Estas campañas se producen en un contexto de gran movilización desde el año 2011 y de clara oposición a la clase política que representaban los dos grandes partidos españoles. La presión sobre los grupos sociales más activos y reivindicativos era notoria y la policía, como principal instrumento represor, desarrollaba las órdenes políticas de manera expeditiva. No fueron pocas las detenciones por participar en manifestaciones o parando desahucios. Así como la presencia policial en asambleas populares y las multas. Aún así la policía no se sentía segura porque muchas de sus operaciones fueron grabadas y difundidas por redes sociales. Se difundió la violencia y la arbitrariedad con la que actuaban. La clase política también se sentía insegura porque la desafección ciudadana era cada vez mayor y el blindaje de la torre de cristal en la que se ocultaban empezaba a resquebrajarse. Tomar decisiones en los despachos dejó de ser algo cómodo. De esta manera se vieron rodeados en la calle por personas que les señalaban como responsables de las decisiones que les precarizaban, arruinaban o empobrecían. La inseguridad que sentían se concretó en la Ley Orgánica de protección de la seguridad ciudadana de 2015.

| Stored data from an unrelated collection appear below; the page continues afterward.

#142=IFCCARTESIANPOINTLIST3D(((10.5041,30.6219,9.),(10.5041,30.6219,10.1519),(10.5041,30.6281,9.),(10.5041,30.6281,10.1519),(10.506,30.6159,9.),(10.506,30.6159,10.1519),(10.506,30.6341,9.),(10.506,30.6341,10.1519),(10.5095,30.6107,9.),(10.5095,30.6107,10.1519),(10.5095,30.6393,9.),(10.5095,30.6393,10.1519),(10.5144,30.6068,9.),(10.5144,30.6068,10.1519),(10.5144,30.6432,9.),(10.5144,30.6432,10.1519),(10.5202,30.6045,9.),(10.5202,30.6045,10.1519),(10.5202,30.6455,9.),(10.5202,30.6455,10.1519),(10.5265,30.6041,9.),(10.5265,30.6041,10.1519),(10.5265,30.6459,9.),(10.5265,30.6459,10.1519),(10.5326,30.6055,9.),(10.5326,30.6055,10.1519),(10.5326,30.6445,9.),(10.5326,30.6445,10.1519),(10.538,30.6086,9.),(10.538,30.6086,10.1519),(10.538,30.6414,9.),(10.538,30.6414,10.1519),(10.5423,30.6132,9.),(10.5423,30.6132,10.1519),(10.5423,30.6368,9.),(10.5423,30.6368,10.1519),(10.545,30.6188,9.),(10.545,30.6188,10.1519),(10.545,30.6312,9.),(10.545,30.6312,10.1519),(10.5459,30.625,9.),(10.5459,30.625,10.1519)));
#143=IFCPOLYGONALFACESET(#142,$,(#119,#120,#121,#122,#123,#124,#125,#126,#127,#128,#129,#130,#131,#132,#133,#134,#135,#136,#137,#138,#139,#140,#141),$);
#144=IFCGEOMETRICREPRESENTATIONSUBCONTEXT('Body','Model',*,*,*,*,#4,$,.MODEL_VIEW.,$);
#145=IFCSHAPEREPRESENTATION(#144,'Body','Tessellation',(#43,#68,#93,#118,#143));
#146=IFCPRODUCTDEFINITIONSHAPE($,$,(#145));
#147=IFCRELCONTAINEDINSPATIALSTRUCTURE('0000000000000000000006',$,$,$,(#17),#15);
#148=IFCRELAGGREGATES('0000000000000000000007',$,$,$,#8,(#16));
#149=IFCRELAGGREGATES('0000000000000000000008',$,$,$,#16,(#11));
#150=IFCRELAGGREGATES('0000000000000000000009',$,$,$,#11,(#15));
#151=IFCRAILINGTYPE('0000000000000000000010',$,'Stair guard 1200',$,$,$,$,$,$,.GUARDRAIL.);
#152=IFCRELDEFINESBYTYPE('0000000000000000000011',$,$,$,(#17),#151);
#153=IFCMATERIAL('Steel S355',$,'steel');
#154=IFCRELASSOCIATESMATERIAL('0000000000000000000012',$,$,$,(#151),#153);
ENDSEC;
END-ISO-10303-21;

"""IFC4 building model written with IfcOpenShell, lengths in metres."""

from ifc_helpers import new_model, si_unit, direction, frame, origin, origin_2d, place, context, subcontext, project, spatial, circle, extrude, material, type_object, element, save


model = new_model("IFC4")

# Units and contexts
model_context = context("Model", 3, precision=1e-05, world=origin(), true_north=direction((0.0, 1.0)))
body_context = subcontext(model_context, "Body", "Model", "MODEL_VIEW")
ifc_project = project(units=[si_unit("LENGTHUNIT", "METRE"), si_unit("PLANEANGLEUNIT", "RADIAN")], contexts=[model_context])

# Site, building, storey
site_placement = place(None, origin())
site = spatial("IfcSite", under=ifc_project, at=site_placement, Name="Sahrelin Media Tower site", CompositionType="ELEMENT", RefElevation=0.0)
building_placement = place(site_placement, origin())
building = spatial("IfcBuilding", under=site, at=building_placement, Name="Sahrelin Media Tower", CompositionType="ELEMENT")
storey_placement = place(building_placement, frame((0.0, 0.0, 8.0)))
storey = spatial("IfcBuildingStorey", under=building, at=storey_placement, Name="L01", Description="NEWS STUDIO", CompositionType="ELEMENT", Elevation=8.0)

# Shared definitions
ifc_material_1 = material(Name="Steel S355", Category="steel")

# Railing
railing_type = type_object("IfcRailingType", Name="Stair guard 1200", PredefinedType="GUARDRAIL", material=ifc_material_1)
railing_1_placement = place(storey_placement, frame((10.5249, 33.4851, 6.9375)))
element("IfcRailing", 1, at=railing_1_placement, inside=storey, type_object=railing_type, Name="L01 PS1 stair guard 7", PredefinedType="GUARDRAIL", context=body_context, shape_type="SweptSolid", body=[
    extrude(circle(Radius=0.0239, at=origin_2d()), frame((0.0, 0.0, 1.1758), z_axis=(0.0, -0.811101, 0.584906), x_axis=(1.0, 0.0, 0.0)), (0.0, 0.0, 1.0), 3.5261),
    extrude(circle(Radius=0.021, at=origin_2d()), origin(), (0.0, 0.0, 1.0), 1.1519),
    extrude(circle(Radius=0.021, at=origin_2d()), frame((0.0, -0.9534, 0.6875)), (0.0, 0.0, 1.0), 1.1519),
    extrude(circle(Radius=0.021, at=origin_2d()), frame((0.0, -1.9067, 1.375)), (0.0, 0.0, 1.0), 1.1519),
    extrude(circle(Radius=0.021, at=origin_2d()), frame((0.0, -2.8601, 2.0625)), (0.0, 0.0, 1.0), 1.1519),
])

La ley mordaza sigue en funcionamiento. Es un claro instrumento de restricción de libertades como la de reunión y de expresión y aún así una amplia mayoría de la sociedad española miró hacia otro lado. Especialmente la más conservadora y complaciente con la mano dura. Seguramente muchos compraron el argumento del exministro de interior, Jorge Fernández Díaz, de que la ley solo debería preocupar a los violentos. Un exministro que utilizaba a la policía contra sus adversarios políticos. Uno de los cuales se encuentra en el actual gobierno de coalición que mantiene una ley que atenta contra derechos y libertades fundamentales de las personas. El silencio de esa parte de la sociedad, benévola con la represión, las mentiras y la restricción de libertades, contrasta con su actual reivindicación de la libertad. La libertad para salir a tomarse unas cañitas. El contexto de pandemia, que implica restricciones en el movimiento de las personas por una cuestión de salud pública, enerva a los que no dijeron esta boca es mía ante la ley mordaza. Encarcelar a unas personas injusta y arbitrariamente no es suficiente acicate para salir a la calle y clamar contra este abuso del estado. Pero cuidado, no les cerréis el bar ni impidáis acudir a sus segundas residencias.

Son las mismas que ahora te dicen que hay que ser crítico y que no te puedes creer todo lo que te cuentan. Hablan de conspiraciones y gobiernos socialcomunistas, aplauden al perdedor Trump y copian estrategias y tácticas de la derecha venezolana que se ha trasladado a vivir al barrio Salamanca de Madrid. Se cubren la boca con la bandera rojigualda mientras hablan de libertad de expresión y piden prisión contra aquellas que defienden ideas y planteamientos políticos diferentes a los suyos. Las contradicciones les dan lo mismo porque no están aquí para convencer. Están para vencer sea como sea. Pueden gritar que es de noche aunque luzca un sol radiante y pensar sobre sí mismas que son personas equilibradas. Han perdido la vergüenza. Ahora defienden sus ideas a cara descubierta, acostumbradas a hacerlo bajo cuerda o detrás de las paredes de sus chalés. Han salido de sus cubículos y nos han recordado quiénes son sus antecesores que, al igual que ellos, fueron capaces de hacer cualquier cosa para conseguir imponer un ideario. Gritan libertad pero quieren decir aplastar, eliminar y reprimir. Sus acciones les delatan. Su silencio, cuando realmente se violan los derechos y libertades de las personas, nos habla a las claras de qué pasta están hechos.